Even if the spreads could be lower, they are aligned with the spreads found in ETFs.
The spread on emerging gov bond of the “Vanguard USD Emerging Markets Govt Bond UCITS ETF (USD) Dist” ETF is 0.2862% (info found under the market quality metrics).
If you multiply by 2 (buy and sell), it’s higher than the 0.5% (0.5% buy, 0% sell) of CS. Obviously, bonds are less liquid which imply higher spreads.
Concerning the FX fees, the line in bold from ther FAQ mentioned that the average fees are only 0.05%
Is there a fee for foreign currency exchange?
Yes, there is a fee. Due to VIAC’s intelligent calculation system, the fee for foreign currency exchange is ideally 0%. This happens when foreign currency purchases and sales are of equal size across all customers in our monthly rebalancing. If the purchase and sale volumes are not identical, the bank will charge a commercial fee of up to a maximum of 0.75% on the difference to be traded for foreign currency exchange. The resulting costs are then distributed to all customers and thus already massively reduced (see Academy for details). Historically, the average annual cost over all strategies is less than 0.05%. Usually these fees are hidden from other providers and are not disclosed to the customer.
The total TER of the real estate fund is not really transparent.
Disagree. IIUC spread is ask - bid, so in the CS case subscription + redemption. For the Vanguard ETF you mentioned the spread is 0.2862% - not multiplied by 2
The WIR Bank charges us 0.75% spread. This is the maxiumum which you pay on foreign currency. It used to be 1% at the beginning, which we were able to renegotiate to the new level.
This external spread is the optimized in two steps:
First with the personal netting; so if you buy and sell i.e. USD we first pool and net for each customer.
Then we optimize ist again over all customers with a general pooling and netting
On the final trade, either a buy or a sell trade, charges the WIR Bank the Spread.

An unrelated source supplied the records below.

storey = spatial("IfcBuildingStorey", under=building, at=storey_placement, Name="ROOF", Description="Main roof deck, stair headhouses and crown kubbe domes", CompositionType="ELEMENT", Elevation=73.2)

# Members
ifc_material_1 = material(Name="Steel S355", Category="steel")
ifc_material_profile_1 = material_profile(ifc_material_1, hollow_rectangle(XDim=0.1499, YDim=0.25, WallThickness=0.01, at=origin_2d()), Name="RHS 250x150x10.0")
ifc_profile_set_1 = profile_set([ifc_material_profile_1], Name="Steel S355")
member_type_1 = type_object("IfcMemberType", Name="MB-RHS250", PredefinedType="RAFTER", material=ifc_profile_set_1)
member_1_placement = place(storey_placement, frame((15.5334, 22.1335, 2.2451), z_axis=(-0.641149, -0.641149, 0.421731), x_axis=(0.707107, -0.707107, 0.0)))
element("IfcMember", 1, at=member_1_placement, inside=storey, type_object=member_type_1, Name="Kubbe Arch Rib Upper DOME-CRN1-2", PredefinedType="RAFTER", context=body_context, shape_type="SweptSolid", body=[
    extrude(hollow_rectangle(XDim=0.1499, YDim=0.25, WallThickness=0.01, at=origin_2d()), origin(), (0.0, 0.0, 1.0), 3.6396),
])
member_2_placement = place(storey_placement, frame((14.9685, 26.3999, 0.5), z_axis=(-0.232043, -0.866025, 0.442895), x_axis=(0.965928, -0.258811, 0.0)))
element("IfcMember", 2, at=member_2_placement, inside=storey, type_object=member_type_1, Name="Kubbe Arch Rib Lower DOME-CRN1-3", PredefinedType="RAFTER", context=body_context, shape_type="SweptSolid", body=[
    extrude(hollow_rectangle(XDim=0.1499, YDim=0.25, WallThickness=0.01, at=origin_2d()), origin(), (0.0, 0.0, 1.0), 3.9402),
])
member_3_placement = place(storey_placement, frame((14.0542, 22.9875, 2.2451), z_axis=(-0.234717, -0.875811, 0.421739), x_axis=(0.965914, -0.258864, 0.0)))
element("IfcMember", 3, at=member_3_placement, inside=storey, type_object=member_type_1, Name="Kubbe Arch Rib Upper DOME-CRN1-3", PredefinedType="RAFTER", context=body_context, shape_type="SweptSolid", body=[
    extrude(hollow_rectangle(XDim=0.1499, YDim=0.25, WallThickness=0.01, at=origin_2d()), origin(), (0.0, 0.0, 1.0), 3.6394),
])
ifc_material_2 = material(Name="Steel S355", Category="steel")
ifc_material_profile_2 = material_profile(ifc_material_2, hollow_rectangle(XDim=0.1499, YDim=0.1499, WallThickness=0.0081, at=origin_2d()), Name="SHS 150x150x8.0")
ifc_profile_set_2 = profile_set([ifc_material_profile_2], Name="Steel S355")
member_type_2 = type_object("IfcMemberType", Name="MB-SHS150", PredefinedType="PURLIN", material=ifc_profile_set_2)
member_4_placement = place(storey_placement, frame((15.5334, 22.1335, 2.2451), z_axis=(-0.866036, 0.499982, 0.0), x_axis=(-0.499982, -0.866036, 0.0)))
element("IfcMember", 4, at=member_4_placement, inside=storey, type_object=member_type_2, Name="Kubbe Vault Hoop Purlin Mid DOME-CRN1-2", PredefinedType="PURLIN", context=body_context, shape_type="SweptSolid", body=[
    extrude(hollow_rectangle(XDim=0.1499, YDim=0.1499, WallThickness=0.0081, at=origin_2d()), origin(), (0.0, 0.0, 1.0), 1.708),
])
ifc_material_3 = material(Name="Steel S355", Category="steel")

Subsequently, a personal rate is calculated for each customer based on the individual trading volume. More on our pooling and netting can be found here: https://viac.ch/en/academy/pooling-and-netting/
Since a lot of money is flowing in at the moment, the optimization is rather deep at the moment. However, if, for example, in a very positive month, shares are sold via many customers, this can quickly move in the other direction.

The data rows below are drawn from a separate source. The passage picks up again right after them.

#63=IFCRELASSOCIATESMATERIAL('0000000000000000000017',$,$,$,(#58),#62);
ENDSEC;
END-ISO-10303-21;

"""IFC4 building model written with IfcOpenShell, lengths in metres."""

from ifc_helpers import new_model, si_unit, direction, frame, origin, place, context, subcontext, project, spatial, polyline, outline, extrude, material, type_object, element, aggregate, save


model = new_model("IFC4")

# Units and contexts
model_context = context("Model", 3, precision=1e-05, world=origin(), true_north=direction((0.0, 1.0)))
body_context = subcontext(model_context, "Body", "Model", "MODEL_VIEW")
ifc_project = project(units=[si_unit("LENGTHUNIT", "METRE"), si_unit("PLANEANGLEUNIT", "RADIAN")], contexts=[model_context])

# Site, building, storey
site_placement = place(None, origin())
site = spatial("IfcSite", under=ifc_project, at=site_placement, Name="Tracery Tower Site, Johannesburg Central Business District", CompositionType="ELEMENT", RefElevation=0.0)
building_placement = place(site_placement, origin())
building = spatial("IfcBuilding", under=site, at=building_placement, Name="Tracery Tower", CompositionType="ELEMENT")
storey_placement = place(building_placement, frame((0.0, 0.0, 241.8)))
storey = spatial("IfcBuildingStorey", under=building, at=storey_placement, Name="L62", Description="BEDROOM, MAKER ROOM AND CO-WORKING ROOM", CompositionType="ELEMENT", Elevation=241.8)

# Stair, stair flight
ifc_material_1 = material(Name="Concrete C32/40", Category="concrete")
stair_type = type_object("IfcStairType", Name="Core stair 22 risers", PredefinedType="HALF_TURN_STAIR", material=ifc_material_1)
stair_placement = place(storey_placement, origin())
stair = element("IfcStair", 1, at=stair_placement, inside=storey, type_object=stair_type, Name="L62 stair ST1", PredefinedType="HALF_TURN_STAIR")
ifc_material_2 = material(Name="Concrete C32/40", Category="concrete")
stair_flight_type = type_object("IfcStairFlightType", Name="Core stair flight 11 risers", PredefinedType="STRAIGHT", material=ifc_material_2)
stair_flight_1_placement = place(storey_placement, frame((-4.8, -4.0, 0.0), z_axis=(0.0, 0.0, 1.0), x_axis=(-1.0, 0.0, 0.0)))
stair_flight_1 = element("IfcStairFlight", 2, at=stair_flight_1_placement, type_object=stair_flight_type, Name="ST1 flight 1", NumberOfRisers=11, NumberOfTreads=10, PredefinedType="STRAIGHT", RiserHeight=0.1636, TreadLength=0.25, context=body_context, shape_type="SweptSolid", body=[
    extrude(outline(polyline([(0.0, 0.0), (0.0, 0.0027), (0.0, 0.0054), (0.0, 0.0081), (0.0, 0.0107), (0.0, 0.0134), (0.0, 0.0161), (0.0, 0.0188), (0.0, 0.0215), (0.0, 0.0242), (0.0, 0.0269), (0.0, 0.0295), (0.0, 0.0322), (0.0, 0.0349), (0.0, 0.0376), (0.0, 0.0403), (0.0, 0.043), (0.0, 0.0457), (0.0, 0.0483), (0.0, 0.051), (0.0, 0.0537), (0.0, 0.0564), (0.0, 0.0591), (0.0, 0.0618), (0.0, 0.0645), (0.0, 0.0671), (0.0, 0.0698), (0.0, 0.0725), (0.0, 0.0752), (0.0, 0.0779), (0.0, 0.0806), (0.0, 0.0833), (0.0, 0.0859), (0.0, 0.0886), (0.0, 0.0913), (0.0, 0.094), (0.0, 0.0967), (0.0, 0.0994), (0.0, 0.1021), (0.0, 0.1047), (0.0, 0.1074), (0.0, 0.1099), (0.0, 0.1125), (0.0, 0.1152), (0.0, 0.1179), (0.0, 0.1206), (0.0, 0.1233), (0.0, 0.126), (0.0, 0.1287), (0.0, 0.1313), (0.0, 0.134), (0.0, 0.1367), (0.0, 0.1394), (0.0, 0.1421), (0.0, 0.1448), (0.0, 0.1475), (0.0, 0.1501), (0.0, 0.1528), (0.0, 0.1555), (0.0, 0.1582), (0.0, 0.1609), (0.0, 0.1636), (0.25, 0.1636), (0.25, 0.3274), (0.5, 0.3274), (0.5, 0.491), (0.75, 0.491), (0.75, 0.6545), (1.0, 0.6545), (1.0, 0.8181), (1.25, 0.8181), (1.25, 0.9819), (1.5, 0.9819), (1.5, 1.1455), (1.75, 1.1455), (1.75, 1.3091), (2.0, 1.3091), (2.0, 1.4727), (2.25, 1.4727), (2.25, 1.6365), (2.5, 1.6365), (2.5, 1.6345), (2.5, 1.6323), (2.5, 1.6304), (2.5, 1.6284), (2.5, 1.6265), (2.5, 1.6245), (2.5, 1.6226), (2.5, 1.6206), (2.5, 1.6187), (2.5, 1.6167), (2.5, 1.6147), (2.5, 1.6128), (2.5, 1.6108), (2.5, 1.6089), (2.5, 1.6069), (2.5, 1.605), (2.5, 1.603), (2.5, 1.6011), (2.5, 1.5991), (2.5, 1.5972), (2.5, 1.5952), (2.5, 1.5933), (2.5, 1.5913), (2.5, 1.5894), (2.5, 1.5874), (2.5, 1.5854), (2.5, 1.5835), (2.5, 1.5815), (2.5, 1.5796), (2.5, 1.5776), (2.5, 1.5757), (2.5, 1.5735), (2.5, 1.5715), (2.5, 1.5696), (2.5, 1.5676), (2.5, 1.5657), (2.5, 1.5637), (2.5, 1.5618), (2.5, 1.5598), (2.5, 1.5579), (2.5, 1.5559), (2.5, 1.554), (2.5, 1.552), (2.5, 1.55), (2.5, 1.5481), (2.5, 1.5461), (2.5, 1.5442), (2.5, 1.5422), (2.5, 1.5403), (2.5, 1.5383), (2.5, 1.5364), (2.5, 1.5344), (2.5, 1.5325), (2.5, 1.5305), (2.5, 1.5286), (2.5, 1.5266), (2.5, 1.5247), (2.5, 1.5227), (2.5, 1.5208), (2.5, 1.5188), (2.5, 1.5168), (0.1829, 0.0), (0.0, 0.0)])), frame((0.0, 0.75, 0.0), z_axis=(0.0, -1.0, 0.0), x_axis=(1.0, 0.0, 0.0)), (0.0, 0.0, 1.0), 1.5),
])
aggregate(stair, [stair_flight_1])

At the moment, the general spread (so without personal netting) is moving around 0.50%.
And now to the mentioned 0.05%. This figure was calculated with historical data and some assumptions over all strategies. The basis is a customer, who adds the same amount of funds each year into the same strategy. He would end up paying spread on the initial invemtments and within the rebalancing for his allready invested funds. The idea behind it is a buy and hold approach, as we only offer a monthly rebalacing and are not a trading app. So if you shift your assets more often, you end up paying more of course as discribed above. I hope this explanation helps!
Regarding the discussion above, would you consider making the funds buy/sell spread more prominent for transparency? (currently it’s fairly hidden as one would have to check each KIID separately).
Does anyone have any idea when the next distribution will be for the CSIF funds?
Last year it was in the middle of May but this year I’ve only seen a distribution for CSIF World ex CH Small Cap (the very same day but different year).
The last distribution was on 16.05.2018 for most of them. This year very few got a distribution on 16.05.2019/ 17.05.2019.
The VIAC page contains links to all factsheets where you can see the latest distribution. I can put as example the fund for SMI (but it’s the same for most of other CSIF funds):
Thanks for a detailed reply. One clarification: even if I’m not adjusting the strategy, VIAC still does the rebalancing every month, which results in fees. Is there a way to make it less frequent, e.g., [half-]yearly unless the strategy is adjusted manually?
I’m not sure if I should use the Global 100 (don’t like the fact that 28% is SMI) or just do something on my own:
3% cash
12% SMI
25% SPI Extra
20% World ex CH
20% SP500
10% World ex CH Small Cap
10% EM
or
3% cash
12% SMI
25% SPI Extra
5% Pacific ex Japan
7% Japan
10% Europe ex CH
25% SP500
3% Canada
10% EM
My ideal scenario would be something that comes close to VT, but due to swiss regulations 40% needs to be in CHF and I don’t want the CHF hedged index funds.